Cook the rigatoni according to package instructions until al dente.
Drain and reserve 1/2 cup of pasta water. Set aside.
Sauté the Vegetables:
In a large skillet over medium heat, heat olive oil and olive oil.
Add chopped onions and cook for 2–3 minutes until soft.
Add garlic and cook for another minute.
Add sliced mushrooms, thyme, salt, and pepper. Cook for 6–8 minutes, stirring occasionally, until mushrooms are browned and have released their moisture.
Make the Cream Sauce:
Pour in the heavy cream and optional milk. Stir to combine.
Bring to a gentle simmer, then add Parmesan cheese. Stir until melted.
Add red pepper flakes (if using).
Add Spinach:
Add spinach to the pan and cook until wilted (about 2 minutes).
Combine Pasta:
Add drained rigatoni to the skillet.
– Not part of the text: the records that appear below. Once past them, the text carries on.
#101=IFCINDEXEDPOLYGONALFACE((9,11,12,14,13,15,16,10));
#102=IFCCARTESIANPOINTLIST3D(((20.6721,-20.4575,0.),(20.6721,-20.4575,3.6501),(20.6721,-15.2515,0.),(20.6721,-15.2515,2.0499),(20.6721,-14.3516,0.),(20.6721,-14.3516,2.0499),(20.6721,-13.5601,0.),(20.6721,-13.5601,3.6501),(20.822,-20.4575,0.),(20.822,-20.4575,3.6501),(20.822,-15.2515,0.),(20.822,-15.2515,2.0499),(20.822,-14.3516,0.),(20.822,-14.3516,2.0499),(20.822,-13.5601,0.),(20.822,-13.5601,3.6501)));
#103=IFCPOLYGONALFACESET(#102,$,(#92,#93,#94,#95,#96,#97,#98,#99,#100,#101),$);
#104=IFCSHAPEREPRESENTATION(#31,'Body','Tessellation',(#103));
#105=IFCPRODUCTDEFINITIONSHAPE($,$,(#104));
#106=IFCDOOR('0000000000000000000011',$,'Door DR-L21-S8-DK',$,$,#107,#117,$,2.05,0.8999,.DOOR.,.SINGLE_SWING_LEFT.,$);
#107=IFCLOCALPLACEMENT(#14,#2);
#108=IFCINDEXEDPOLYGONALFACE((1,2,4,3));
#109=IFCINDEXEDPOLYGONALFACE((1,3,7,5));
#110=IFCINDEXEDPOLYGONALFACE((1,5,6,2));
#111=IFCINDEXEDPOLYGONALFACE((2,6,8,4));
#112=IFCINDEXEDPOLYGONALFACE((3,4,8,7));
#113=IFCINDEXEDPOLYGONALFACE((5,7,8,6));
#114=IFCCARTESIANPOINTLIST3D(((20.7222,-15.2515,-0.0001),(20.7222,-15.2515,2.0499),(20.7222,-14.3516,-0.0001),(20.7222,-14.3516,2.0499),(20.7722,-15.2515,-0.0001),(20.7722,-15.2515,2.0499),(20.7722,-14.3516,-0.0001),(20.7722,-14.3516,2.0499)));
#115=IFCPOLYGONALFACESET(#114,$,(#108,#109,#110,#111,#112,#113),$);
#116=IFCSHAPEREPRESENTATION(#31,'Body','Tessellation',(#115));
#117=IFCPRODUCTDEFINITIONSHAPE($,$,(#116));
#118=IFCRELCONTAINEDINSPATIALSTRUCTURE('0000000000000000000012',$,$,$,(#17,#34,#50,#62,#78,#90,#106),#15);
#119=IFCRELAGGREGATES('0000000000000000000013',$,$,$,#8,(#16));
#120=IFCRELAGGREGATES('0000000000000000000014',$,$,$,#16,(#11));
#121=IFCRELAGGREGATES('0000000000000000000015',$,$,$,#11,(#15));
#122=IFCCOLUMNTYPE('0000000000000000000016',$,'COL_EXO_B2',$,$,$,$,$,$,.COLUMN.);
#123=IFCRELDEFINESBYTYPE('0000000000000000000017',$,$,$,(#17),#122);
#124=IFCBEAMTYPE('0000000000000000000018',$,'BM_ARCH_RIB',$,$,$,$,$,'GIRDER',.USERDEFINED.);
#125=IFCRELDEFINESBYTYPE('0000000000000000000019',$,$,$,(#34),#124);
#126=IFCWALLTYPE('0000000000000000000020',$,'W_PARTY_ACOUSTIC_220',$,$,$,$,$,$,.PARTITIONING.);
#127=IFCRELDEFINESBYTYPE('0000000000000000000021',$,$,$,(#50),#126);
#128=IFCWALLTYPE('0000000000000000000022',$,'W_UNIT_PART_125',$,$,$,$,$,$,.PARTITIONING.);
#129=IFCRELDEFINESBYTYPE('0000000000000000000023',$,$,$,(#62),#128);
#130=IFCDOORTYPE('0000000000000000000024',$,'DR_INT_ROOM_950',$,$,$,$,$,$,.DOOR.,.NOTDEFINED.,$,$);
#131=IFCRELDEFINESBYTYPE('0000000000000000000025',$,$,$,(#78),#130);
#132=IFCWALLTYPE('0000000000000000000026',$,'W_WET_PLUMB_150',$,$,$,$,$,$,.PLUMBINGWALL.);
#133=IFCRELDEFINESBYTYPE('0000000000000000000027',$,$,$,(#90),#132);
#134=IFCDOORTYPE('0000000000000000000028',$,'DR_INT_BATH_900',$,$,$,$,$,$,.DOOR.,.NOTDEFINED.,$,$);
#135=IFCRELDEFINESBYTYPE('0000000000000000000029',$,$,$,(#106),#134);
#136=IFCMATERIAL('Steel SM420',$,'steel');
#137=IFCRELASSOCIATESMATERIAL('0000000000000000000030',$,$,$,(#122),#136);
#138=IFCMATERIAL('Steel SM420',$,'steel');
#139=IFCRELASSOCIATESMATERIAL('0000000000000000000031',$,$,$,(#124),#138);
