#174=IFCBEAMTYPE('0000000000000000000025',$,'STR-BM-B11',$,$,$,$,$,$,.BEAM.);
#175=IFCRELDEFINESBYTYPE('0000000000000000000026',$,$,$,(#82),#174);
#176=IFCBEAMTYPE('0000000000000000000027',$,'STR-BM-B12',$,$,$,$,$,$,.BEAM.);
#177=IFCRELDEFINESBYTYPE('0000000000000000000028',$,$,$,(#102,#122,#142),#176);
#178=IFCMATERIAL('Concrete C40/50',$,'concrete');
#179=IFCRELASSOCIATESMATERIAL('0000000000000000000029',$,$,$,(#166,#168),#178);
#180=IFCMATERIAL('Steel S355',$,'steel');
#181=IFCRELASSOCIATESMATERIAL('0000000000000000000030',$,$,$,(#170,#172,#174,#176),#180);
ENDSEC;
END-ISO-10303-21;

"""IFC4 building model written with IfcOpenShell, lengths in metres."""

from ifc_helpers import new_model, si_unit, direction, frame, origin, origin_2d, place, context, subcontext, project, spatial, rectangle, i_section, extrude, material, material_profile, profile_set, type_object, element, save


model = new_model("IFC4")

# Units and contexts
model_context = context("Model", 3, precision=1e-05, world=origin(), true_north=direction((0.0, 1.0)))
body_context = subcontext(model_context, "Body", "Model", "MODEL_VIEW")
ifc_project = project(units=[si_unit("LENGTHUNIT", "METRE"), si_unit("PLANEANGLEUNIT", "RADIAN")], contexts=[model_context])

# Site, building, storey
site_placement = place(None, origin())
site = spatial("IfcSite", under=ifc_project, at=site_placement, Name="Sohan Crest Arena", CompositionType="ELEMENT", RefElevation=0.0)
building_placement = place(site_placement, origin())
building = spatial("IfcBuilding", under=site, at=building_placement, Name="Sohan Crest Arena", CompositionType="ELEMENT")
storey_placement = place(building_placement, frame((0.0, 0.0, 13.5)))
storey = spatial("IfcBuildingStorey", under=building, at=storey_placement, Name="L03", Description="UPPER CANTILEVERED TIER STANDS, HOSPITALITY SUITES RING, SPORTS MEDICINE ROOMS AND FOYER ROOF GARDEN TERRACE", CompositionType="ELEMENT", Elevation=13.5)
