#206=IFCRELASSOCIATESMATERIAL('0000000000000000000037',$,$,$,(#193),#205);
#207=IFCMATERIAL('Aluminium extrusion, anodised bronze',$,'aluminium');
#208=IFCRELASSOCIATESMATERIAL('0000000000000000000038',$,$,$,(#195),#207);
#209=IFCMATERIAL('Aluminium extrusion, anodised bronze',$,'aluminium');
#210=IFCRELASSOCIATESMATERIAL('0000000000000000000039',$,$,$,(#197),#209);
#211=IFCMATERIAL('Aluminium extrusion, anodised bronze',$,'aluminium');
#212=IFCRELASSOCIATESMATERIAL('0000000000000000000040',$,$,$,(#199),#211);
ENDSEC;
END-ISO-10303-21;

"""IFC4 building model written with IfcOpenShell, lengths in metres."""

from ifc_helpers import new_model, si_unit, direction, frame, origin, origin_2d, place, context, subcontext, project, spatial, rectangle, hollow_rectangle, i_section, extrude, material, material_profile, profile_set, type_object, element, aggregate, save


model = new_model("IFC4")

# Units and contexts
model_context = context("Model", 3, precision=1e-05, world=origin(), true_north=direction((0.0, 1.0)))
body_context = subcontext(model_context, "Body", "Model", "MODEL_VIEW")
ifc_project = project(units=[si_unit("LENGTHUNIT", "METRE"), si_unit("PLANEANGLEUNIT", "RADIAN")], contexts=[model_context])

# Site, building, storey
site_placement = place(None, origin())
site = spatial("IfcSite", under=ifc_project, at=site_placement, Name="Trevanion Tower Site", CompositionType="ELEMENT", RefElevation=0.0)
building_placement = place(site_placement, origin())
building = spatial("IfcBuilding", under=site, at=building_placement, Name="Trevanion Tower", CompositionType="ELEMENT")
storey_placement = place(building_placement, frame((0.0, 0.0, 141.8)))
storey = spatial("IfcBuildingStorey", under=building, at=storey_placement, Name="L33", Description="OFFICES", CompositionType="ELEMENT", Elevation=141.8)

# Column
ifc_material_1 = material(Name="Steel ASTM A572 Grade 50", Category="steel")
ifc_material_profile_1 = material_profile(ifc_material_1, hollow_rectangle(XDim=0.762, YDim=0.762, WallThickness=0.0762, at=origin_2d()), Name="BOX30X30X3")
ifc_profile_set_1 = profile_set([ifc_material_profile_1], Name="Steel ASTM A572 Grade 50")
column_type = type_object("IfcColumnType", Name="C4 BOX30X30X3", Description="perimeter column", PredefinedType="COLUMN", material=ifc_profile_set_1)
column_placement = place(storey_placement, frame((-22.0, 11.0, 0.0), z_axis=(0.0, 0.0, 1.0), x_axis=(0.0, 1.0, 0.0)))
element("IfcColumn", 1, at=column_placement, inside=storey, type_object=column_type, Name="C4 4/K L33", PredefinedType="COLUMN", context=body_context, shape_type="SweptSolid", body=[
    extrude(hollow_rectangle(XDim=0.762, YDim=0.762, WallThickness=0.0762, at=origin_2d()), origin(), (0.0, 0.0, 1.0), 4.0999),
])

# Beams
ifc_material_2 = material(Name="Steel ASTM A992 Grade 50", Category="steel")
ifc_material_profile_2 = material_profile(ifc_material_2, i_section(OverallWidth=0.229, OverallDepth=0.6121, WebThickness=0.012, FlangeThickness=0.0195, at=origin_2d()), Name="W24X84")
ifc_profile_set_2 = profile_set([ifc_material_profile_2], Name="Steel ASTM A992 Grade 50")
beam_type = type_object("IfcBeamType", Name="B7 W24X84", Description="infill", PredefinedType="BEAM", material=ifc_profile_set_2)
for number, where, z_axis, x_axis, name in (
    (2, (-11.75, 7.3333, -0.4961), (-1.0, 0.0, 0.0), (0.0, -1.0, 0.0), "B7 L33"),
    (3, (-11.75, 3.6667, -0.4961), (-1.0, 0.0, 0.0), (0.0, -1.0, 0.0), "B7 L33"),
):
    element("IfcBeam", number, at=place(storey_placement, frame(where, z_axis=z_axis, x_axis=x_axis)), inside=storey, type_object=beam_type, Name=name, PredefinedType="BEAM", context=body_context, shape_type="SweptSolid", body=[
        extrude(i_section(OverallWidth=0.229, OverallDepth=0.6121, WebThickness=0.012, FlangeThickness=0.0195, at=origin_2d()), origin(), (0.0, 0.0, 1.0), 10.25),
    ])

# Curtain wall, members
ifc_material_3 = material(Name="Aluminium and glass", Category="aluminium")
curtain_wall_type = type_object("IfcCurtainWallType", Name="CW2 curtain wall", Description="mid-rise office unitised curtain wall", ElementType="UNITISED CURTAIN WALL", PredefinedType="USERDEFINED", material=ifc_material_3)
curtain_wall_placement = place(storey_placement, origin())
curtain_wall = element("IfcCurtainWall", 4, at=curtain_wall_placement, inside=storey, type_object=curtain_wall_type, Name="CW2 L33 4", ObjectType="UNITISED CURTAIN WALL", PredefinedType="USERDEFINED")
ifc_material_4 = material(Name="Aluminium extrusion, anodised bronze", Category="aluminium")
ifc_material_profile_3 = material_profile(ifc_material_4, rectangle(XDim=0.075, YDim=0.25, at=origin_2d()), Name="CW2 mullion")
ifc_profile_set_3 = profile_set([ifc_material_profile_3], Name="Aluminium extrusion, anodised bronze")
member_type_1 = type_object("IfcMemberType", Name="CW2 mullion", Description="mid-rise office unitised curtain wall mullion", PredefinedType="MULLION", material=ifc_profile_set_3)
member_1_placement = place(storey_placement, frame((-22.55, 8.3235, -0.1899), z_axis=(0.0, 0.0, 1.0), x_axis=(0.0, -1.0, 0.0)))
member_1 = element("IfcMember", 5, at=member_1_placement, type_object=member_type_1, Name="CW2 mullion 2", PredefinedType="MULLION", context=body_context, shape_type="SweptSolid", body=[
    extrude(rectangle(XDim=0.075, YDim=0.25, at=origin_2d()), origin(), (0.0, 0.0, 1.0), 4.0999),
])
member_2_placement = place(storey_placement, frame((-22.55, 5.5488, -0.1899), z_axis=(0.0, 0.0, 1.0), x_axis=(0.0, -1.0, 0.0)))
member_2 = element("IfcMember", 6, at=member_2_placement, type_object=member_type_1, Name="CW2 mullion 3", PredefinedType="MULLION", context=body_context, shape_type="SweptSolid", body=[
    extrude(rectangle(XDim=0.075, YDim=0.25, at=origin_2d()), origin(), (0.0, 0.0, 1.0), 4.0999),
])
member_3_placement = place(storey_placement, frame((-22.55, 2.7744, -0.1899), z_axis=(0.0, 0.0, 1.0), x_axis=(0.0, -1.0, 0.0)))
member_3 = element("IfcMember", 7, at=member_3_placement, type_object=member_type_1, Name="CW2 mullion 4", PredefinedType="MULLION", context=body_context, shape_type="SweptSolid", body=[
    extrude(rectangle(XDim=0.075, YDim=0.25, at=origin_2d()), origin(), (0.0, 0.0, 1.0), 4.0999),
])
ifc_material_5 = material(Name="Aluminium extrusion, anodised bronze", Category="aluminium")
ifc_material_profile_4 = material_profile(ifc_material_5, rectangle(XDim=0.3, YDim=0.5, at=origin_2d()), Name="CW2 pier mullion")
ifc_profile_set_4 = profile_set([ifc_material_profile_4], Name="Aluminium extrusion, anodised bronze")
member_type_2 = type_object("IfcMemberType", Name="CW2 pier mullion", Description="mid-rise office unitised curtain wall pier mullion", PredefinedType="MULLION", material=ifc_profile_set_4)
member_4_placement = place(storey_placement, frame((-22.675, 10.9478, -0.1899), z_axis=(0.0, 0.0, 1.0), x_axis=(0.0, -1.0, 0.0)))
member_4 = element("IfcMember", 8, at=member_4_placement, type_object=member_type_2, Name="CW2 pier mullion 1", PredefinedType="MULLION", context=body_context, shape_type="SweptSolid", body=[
Toss everything together until well coated.
If the sauce is too thick, add a splash of reserved pasta water.
Serve:
Garnish with extra Parmesan and chopped parsley.
Serve hot.
Nutritional Information (Per Serving):
Nutrient Amount
Calories 520–580 kcal
Carbohydrates 55g
Protein 17g
Fat 30g
Saturated Fat 14g
Fiber 4g
Sugars 4g
Sodium 400mg
Calcium 250mg
Iron 2.5mg
Note: Nutritional values may vary based on exact ingredients and quantities used.
Cooking Time:
Prep Time: 10 minutes
Cook Time: 20 minutes
Total Time: 30 minutes
Common Questions & Answers:
Q: Can I use a different type of pasta?
A: Yes! Penne, fusilli, or farfalle all work well.
Q: Can I make this vegan?
A: You can substitute with plant-based cream, vegan Parmesan, and omit butter or use a vegan alternative.
Q: How can I make it more protein-rich?
A: Add grilled chicken, tofu, or white beans to the dish.
Q: Can I make it ahead of time?
A: Yes, but the sauce may thicken upon cooling. Add a splash of milk or water when reheating.
Q: What mushrooms work best?
A: Cremini, white button, shiitake, or portob
ello mushrooms all work. Mix for more flavor.